The Fall Flu: Even if you’ve never had it, you’ve certainly come into close contact with it. For those of you who are new to UF — or just have really strong immune systems — the Fall Flu is the annual time of year when cold- and flu-like symptoms ravage the Student Body. Some call it Gator Flu or, even more charmingly, the UF Plague. GPAs are crippled, dates are ruined, everything becomes miserable for a solid week or so and Netflix (note the absence of "chill") becomes one’s top weekend priority.

The Fall Flu, like all deadly viruses, is spread in the most innocuous of ways; careless kisses lost to time and the onset of the morning at Midtown; sharing a pencil with your classmate who always forgets that most assessments are scantron-based in that class; and BATHROOMS.

As effective as the aforementioned means of contamination may be, they pale in comparison to the classroom.
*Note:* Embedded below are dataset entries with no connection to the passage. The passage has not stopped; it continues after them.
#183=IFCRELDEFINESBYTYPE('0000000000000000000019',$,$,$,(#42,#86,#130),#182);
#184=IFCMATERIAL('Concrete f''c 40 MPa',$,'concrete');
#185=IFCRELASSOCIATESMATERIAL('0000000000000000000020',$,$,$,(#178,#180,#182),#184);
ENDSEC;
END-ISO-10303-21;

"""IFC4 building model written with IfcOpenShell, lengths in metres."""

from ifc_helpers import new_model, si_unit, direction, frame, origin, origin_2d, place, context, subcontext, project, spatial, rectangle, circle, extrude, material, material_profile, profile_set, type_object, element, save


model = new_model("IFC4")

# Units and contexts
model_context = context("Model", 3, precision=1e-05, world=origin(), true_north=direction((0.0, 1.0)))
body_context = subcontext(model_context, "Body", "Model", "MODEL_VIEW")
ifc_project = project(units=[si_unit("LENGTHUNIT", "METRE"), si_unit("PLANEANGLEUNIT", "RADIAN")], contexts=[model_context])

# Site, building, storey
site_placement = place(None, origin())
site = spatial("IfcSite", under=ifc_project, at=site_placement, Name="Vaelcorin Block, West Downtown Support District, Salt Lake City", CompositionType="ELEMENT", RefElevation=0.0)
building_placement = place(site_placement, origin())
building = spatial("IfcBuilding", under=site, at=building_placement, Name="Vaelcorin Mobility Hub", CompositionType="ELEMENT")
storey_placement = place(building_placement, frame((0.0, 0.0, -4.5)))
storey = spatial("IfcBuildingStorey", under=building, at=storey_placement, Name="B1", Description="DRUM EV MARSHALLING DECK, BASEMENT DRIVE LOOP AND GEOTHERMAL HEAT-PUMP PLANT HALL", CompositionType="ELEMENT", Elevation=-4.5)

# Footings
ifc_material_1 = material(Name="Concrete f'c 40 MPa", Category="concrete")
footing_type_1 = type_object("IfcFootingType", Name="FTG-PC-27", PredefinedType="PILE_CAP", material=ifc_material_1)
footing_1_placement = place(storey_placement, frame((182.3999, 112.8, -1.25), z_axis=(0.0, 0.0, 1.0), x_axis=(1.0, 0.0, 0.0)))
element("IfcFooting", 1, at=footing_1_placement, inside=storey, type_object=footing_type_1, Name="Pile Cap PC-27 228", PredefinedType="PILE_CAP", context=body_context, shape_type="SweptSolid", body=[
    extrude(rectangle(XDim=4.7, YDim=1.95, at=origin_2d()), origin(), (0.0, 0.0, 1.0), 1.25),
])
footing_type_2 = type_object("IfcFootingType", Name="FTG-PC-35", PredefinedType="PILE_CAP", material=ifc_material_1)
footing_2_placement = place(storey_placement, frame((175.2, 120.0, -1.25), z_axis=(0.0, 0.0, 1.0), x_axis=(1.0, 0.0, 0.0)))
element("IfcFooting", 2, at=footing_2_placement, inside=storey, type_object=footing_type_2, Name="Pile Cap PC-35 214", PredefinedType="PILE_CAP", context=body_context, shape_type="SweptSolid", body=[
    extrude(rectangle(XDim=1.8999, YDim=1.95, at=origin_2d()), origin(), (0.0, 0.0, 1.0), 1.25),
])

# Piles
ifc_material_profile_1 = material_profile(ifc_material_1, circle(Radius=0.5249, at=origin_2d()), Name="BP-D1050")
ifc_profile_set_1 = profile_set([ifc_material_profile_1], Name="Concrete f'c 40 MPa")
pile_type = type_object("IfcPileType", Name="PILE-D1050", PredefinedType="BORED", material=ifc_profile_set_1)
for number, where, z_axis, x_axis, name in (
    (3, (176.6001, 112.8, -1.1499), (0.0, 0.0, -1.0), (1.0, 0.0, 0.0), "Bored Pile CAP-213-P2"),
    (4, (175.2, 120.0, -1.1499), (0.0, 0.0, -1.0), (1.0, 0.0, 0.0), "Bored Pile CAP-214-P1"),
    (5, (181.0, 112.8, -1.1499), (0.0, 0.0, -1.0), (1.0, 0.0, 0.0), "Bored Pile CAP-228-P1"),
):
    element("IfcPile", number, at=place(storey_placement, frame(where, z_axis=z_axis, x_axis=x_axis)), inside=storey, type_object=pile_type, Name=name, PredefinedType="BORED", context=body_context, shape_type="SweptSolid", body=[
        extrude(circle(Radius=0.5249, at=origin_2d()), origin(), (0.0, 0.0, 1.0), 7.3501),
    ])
Yes, the classroom, where students with 99-degree temperature fevers drag themselves to due to outdated attendance policies; the classroom, where a simple sneeze, misdirected cough or careless handshake can adversely affect the health of scores of students.

We’re going to make a plea: If you are sick, please, stay in your home, dorm or fraternity/sorority basement. We get it: Attendance policies being what they are, you are compelled by mandate to drag your diseased and germ-ridden body to a room full of (relatively) healthy individuals. However, it is much more beneficial to both your health and the larger UF populace if you just stay at home, cuddle up to season five of "Breaking Bad" and recuperate.

We’re also going to make a request to the university, instructors and teaching assistants: Please don’t penalize us for not coming to class while sick. We understand it can be difficult to motivate students without strict attendance policies, and we are more than sympathetic to the idea that when you show up to work, you’d actually like for there to be students for you to educate.

At the same time, keeping a firm adherence to an already rigid attendance policy affects more than just the sickly student who might miss class. It affects every person that student comes near.

Some would counter that the presence of "excused absences" if a doctor’s note is provided offsets the aforementioned concerns. That’s all well and good, but the Fall Flu is also called the UF Plague for a reason: It spreads quickly and effectively. Given the difficulty of arranging appointments at the UF Student Health Care Center on a regular week, the idea of getting an appointment that works within your schedule during flu season seems like a fool’s errand.

We’re abundantly aware this editorial isn’t going to immediately stop students from contaminating their classmates or convince professors that more than three absences isn’t the worst thing in the world; at the least, we hope it serves as half-decent tissue material in these tough times.